The set of numbers with a $9$ in the decimal representation is dense in $[0, 1]$ (just replace the $n$-th digit by $9,$ for some high $n.$) This shows that the function is not continuous if it is $0.$ On the other hand, the set of numbers which do not have a nine is not dense (a number which has a nine in the $k$-th position will have it if perturbed by something smaller than $10^{-k-2}.$)

Answer 2

A more elementary approach,

First of all let $f(x)= 0$ then i.e. $x = \sum_{i=1}^{\infty} \frac{x_i}{10^i}$ where $x_{i}\neq 9$, $\forall \ i$. Then for every $\epsilon >0 $, there exists large enough $i_0$ such that, $y := \sum_{i=1}^{i_0 - 1} \frac{x_i}{10^i} + \frac{9}{10^{i_0}} + \sum_{i=i_0}^{\infty} \frac{x_i}{10^i}$, is $\epsilon$-close to $x$, but $f(y)=1$. So indeed $f$ is not continuous at $x$ where $f(x)=0$.
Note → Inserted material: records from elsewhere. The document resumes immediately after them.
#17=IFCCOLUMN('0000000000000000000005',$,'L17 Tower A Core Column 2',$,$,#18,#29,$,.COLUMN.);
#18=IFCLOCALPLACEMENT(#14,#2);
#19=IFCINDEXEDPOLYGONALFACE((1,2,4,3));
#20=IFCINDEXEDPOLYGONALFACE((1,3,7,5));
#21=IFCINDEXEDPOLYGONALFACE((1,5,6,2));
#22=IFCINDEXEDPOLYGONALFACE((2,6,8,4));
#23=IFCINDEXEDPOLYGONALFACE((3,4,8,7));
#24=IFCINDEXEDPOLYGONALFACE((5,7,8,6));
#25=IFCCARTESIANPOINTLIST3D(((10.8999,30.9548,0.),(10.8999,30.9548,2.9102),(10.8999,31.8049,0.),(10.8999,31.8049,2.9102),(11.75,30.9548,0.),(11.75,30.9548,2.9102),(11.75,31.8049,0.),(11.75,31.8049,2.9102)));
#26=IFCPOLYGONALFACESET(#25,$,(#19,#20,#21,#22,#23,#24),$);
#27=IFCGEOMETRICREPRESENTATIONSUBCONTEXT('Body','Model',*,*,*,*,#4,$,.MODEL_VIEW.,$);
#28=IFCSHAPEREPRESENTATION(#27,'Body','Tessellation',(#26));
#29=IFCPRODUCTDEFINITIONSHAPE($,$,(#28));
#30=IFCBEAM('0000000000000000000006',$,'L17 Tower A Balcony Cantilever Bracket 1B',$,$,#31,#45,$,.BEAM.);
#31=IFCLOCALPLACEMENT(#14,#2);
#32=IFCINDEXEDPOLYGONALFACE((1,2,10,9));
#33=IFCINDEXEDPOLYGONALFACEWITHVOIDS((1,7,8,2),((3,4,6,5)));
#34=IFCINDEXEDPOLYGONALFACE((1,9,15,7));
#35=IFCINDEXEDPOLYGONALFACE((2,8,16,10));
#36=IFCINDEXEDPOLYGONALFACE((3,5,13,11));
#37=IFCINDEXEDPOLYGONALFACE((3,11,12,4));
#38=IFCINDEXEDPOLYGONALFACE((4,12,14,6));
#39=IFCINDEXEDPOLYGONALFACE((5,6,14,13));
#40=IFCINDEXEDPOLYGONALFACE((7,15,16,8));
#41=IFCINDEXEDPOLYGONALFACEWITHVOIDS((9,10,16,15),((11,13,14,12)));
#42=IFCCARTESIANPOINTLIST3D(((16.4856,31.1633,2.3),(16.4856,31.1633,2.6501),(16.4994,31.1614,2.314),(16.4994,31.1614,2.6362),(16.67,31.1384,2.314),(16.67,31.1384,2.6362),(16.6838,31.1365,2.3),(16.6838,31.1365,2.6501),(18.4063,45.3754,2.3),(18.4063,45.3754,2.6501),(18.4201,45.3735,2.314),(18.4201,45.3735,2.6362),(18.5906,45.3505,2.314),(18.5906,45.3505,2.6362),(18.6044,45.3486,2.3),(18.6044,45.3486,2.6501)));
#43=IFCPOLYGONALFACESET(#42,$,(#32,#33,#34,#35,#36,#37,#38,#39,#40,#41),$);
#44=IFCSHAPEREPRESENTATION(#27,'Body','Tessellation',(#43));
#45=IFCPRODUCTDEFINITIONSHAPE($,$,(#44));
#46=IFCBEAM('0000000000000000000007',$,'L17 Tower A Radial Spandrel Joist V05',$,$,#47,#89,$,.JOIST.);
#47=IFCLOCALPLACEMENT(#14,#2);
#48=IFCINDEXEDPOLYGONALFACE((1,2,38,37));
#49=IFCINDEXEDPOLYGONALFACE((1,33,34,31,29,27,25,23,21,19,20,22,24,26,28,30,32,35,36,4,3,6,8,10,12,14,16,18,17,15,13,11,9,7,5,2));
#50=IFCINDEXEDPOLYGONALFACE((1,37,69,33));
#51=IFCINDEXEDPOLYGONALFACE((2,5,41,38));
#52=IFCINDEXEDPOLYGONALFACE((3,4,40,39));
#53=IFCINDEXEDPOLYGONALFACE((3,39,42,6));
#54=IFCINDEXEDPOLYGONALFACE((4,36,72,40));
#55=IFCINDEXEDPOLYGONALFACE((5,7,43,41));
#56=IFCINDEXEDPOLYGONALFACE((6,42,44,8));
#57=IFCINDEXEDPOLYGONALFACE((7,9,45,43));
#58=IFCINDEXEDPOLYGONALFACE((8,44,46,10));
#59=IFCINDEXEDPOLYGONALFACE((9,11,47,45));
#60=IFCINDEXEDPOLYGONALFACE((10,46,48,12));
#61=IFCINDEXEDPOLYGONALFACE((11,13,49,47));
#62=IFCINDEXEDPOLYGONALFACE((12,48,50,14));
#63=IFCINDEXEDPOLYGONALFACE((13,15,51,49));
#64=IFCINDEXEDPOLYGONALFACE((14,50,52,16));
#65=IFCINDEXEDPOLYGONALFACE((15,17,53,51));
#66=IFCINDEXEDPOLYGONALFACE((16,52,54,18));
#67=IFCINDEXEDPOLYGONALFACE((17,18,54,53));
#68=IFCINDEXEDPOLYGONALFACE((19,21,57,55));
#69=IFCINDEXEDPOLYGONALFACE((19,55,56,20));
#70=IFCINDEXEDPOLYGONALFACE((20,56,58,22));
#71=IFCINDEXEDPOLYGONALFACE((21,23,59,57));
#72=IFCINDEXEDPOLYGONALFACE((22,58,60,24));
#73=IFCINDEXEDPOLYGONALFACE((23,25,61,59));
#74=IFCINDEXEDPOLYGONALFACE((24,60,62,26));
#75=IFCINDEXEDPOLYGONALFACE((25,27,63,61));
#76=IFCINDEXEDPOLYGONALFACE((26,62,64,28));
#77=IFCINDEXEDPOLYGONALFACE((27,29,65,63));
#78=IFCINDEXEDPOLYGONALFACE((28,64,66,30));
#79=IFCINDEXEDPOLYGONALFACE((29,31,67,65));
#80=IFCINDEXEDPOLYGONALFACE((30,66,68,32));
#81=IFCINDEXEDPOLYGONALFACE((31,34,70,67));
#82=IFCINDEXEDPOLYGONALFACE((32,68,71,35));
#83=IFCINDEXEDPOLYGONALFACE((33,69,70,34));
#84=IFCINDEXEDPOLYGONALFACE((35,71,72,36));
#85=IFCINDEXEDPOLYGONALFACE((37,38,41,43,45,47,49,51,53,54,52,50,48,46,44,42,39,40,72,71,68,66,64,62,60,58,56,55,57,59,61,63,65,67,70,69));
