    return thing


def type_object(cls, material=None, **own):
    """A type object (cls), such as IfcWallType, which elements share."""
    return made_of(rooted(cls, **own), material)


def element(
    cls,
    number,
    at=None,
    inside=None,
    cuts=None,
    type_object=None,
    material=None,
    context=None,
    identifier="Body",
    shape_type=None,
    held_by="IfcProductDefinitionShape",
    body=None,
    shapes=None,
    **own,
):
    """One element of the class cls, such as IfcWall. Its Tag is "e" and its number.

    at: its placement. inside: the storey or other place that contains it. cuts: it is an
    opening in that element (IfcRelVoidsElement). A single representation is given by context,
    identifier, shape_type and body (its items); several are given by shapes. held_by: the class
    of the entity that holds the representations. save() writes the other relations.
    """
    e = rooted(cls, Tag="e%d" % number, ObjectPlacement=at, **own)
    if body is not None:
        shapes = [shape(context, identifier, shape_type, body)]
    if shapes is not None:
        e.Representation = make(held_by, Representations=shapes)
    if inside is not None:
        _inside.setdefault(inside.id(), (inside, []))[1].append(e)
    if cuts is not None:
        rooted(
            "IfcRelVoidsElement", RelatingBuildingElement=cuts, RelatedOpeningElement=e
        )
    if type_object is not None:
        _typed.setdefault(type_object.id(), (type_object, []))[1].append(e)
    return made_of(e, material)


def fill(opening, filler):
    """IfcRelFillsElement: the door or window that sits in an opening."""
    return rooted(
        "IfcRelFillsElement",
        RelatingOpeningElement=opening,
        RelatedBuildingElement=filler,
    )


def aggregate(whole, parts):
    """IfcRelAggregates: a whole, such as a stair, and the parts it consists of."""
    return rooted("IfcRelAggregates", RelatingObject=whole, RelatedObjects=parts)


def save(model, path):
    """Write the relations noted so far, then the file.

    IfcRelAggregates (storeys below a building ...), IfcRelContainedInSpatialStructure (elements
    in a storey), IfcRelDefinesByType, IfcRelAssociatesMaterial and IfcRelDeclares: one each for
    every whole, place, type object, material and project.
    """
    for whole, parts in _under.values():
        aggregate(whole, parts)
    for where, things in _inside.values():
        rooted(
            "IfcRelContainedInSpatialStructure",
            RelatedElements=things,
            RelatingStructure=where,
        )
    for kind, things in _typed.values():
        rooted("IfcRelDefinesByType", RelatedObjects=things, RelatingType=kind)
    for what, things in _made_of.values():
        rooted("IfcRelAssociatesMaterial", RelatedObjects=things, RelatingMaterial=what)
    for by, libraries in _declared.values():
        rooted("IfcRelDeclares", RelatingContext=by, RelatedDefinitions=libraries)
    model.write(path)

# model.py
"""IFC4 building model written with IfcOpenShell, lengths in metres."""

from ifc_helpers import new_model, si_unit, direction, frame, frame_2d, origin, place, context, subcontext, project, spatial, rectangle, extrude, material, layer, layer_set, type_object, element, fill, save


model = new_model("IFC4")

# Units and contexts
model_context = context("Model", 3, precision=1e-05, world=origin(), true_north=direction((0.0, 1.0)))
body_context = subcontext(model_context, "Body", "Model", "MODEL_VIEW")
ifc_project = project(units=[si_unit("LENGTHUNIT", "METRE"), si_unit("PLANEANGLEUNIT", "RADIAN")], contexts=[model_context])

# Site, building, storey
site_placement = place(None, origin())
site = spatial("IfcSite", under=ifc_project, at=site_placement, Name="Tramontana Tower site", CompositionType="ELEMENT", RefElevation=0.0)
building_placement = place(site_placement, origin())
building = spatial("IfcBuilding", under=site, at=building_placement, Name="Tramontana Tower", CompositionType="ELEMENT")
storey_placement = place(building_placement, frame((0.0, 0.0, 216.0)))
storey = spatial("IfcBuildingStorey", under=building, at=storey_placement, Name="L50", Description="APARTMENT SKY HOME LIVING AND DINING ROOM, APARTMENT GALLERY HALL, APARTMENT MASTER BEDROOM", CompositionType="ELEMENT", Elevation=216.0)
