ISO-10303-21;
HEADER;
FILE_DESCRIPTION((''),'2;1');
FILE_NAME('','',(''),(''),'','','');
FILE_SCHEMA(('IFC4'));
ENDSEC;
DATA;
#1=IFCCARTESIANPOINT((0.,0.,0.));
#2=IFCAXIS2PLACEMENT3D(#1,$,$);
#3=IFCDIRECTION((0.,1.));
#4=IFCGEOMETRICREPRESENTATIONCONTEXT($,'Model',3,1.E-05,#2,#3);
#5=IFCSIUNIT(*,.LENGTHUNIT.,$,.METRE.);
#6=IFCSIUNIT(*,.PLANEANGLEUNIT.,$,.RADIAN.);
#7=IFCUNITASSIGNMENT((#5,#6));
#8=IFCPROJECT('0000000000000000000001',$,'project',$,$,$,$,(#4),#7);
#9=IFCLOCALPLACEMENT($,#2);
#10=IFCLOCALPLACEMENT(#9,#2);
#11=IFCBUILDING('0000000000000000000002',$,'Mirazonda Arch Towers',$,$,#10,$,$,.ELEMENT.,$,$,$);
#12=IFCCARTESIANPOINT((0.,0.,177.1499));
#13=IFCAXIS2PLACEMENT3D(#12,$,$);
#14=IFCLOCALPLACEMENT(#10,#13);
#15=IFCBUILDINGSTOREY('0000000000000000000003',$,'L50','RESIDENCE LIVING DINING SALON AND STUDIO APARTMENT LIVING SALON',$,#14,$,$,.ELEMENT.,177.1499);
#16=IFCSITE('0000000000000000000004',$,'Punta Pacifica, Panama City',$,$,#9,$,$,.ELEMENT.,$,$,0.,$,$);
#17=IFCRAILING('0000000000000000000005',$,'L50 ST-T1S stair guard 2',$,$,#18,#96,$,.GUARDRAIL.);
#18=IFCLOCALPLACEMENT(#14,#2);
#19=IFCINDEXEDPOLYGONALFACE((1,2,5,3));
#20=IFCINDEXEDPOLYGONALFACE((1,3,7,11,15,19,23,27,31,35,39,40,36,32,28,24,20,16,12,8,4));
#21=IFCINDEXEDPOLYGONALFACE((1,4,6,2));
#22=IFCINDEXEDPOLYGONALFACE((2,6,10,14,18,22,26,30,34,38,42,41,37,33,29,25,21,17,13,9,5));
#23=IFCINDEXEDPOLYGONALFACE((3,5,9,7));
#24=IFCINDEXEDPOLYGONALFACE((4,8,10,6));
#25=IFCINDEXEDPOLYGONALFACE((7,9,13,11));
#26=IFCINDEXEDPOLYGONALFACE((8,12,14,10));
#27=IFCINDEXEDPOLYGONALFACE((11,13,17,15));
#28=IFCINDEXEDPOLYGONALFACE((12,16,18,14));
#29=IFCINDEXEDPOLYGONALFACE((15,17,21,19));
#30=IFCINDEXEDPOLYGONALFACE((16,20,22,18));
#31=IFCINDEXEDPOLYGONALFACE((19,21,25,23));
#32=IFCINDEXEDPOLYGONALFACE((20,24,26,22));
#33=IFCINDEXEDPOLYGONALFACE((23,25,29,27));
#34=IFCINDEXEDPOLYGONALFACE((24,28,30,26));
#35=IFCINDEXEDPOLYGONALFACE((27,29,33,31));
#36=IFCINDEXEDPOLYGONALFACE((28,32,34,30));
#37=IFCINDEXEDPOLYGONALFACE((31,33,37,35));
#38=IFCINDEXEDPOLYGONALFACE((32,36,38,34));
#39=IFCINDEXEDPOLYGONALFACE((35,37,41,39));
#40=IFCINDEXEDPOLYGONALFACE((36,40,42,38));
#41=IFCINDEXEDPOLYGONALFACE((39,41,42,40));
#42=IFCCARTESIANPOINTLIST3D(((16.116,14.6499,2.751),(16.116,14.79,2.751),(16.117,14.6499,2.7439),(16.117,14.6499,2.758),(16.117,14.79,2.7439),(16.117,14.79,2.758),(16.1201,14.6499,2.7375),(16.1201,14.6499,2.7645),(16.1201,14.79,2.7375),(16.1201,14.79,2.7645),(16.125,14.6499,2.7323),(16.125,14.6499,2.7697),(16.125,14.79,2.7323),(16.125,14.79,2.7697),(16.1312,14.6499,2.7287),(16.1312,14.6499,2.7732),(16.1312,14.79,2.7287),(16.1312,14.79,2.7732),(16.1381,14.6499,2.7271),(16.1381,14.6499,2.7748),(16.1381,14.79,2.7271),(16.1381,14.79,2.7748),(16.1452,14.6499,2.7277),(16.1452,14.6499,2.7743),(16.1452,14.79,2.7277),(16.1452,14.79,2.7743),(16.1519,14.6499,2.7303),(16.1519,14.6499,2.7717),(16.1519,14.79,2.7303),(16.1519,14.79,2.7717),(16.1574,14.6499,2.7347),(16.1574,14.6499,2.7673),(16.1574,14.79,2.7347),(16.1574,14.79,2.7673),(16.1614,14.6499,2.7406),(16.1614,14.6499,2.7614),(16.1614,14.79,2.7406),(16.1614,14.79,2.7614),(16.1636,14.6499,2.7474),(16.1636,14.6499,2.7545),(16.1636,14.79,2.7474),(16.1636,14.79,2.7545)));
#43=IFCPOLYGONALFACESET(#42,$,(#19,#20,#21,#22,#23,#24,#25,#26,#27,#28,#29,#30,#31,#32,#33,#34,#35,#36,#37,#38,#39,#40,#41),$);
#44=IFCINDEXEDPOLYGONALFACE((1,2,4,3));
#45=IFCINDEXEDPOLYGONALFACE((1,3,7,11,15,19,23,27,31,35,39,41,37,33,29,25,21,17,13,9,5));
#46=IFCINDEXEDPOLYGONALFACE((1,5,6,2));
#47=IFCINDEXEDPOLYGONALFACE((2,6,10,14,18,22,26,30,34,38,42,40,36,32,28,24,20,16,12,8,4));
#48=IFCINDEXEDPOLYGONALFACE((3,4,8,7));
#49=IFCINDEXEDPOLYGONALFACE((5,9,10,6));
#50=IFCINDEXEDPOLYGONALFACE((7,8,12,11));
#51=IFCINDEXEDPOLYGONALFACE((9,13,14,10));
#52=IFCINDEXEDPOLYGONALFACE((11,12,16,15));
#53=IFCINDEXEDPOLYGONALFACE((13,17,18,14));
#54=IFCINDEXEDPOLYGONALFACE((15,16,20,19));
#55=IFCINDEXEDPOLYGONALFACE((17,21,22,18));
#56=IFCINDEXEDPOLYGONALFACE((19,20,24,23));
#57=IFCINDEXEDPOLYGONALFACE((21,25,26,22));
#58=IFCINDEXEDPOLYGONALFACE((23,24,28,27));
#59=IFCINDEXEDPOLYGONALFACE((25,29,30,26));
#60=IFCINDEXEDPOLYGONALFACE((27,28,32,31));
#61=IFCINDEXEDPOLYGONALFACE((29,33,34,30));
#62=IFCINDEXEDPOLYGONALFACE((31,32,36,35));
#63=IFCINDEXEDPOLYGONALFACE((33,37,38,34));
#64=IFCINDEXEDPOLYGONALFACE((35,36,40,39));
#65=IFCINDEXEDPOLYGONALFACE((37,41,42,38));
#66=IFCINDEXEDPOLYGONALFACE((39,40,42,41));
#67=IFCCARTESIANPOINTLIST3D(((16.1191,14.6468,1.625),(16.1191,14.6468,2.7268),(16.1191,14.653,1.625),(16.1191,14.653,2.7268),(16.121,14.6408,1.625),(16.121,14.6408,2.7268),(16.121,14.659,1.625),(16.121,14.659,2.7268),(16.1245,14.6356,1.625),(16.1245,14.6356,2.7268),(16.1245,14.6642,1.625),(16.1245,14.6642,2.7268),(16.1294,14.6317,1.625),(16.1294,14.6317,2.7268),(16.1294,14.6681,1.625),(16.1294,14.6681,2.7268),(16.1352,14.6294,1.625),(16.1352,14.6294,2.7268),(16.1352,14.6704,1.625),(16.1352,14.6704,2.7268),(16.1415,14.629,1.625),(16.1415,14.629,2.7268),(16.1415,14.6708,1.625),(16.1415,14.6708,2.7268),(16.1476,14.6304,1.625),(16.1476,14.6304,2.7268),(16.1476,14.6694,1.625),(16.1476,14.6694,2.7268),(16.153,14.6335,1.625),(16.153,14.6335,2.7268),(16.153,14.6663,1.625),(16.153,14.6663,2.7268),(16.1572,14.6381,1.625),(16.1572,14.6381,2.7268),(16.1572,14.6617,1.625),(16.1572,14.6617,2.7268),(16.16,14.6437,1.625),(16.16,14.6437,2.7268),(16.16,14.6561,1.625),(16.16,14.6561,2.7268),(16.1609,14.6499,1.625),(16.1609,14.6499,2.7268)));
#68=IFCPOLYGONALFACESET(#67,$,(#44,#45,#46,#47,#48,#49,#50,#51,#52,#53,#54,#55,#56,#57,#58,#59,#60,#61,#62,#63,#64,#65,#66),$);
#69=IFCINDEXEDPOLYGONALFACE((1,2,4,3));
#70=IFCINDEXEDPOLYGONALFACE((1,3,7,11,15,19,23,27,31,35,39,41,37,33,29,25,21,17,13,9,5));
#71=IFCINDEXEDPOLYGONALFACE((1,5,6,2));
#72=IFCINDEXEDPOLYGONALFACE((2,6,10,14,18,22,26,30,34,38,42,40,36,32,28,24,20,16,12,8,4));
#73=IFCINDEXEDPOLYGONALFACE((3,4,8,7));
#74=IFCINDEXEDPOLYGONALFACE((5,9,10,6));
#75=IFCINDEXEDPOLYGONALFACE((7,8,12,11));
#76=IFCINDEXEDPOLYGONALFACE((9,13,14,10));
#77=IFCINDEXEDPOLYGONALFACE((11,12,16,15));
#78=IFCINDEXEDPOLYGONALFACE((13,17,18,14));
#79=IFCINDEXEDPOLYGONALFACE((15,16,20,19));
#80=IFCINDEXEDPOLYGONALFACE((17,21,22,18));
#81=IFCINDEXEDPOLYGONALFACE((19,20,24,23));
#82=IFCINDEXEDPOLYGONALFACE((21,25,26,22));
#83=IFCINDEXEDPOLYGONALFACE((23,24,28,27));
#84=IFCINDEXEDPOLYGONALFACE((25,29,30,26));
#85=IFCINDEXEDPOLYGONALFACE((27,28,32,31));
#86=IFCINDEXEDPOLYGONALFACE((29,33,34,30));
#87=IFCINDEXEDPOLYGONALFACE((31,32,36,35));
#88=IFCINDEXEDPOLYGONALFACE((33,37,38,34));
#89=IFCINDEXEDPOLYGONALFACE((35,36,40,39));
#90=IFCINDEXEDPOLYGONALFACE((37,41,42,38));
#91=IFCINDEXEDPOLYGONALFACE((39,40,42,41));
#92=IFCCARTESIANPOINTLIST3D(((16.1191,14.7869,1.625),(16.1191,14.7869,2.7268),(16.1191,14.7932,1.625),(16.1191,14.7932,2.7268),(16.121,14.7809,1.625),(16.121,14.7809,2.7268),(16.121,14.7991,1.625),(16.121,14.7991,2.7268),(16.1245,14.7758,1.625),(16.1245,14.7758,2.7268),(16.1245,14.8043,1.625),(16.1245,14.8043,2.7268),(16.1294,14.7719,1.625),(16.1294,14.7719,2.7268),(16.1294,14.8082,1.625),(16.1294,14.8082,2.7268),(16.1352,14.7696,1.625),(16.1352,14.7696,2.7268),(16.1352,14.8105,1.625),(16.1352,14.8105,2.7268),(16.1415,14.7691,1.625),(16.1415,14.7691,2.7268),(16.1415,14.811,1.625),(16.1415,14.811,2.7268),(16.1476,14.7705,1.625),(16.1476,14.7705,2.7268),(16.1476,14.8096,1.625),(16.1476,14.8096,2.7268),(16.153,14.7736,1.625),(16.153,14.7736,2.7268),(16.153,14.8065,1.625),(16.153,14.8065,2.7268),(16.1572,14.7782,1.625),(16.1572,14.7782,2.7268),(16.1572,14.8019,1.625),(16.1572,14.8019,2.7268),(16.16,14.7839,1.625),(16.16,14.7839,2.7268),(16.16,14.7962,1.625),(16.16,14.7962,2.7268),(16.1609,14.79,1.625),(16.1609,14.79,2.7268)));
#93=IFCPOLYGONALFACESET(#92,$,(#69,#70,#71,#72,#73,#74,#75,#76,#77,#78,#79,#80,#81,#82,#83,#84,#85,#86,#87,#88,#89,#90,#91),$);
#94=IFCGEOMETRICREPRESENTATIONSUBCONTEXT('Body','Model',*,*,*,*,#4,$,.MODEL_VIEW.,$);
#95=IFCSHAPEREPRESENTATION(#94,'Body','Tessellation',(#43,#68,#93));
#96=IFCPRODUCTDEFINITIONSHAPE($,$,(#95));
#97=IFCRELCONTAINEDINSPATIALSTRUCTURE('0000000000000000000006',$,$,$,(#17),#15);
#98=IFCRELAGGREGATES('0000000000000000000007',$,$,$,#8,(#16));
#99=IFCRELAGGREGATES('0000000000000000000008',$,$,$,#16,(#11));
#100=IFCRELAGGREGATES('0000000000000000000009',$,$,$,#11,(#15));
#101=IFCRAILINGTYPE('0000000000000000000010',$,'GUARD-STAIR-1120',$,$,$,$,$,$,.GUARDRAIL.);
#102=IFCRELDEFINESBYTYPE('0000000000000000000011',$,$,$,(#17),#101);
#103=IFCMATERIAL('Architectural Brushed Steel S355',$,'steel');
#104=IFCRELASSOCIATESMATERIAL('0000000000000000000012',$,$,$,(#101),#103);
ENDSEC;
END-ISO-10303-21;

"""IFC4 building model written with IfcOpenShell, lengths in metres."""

from ifc_helpers import new_model, si_unit, direction, frame, origin, origin_2d, place, context, subcontext, project, spatial, circle, extrude, material, type_object, element, save


model = new_model("IFC4")

# Units and contexts
model_context = context("Model", 3, precision=1e-05, world=origin(), true_north=direction((0.0, 1.0)))
body_context = subcontext(model_context, "Body", "Model", "MODEL_VIEW")
ifc_project = project(units=[si_unit("LENGTHUNIT", "METRE"), si_unit("PLANEANGLEUNIT", "RADIAN")], contexts=[model_context])

# Site, building, storey
site_placement = place(None, origin())
site = spatial("IfcSite", under=ifc_project, at=site_placement, Name="Punta Pacifica, Panama City", CompositionType="ELEMENT", RefElevation=0.0)
building_placement = place(site_placement, origin())
building = spatial("IfcBuilding", under=site, at=building_placement, Name="Mirazonda Arch Towers", CompositionType="ELEMENT")
storey_placement = place(building_placement, frame((0.0, 0.0, 177.1499)))
storey = spatial("IfcBuildingStorey", under=building, at=storey_placement, Name="L50", Description="RESIDENCE LIVING DINING SALON AND STUDIO APARTMENT LIVING SALON", CompositionType="ELEMENT", Elevation=177.1499)

# Shared definitions
ifc_material_1 = material(Name="Architectural Brushed Steel S355", Category="steel")

# Railing
railing_type_1 = type_object("IfcRailingType", Name="GUARD-STAIR-1120", PredefinedType="GUARDRAIL", material=ifc_material_1)
railing_1_placement = place(storey_placement, frame((16.1399, 14.6499, 1.625)))
element("IfcRailing", 1, at=railing_1_placement, inside=storey, type_object=railing_type_1, Name="L50 ST-T1S stair guard 2", PredefinedType="GUARDRAIL", context=body_context, shape_type="SweptSolid", body=[
    extrude(circle(Radius=0.0239, at=origin_2d()), frame((0.0, 0.0, 1.126), z_axis=(0.0, 1.0, 0.0), x_axis=(-1.0, 0.0, 0.0)), (0.0, 0.0, 1.0), 0.1401),
    extrude(circle(Radius=0.021, at=origin_2d()), origin(), (0.0, 0.0, 1.0), 1.1018),
    extrude(circle(Radius=0.021, at=origin_2d()), frame((0.0, 0.1401, 0.0)), (0.0, 0.0, 1.0), 1.1018),
])

save(model, "model.ifc")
Now let $f(x)=1$. Then $9$ appears in its decimal representation and consider $i_1\geq 1$ such that $9$ appears for the first time in its decimal expansion i.e. $x = \sum_{i=1}^{i_1 - 1} \frac{x_i}{10^i} + \frac{9}{10^{i_1}} + \sum_{i=i_1}^{\infty} \frac{x_i}{10^i}$, where $x_i\neq 9$ for all $1\leq i < i_1$. Then for $\epsilon_1 < \frac{9}{10^{i_1 +1}}$ we have that every $y$ that is $\epsilon_1$-near $x$ has $9$ in its decimal expansion and more precisely $y_i = x_i$ for (at least) all $1\leq i \leq i_1$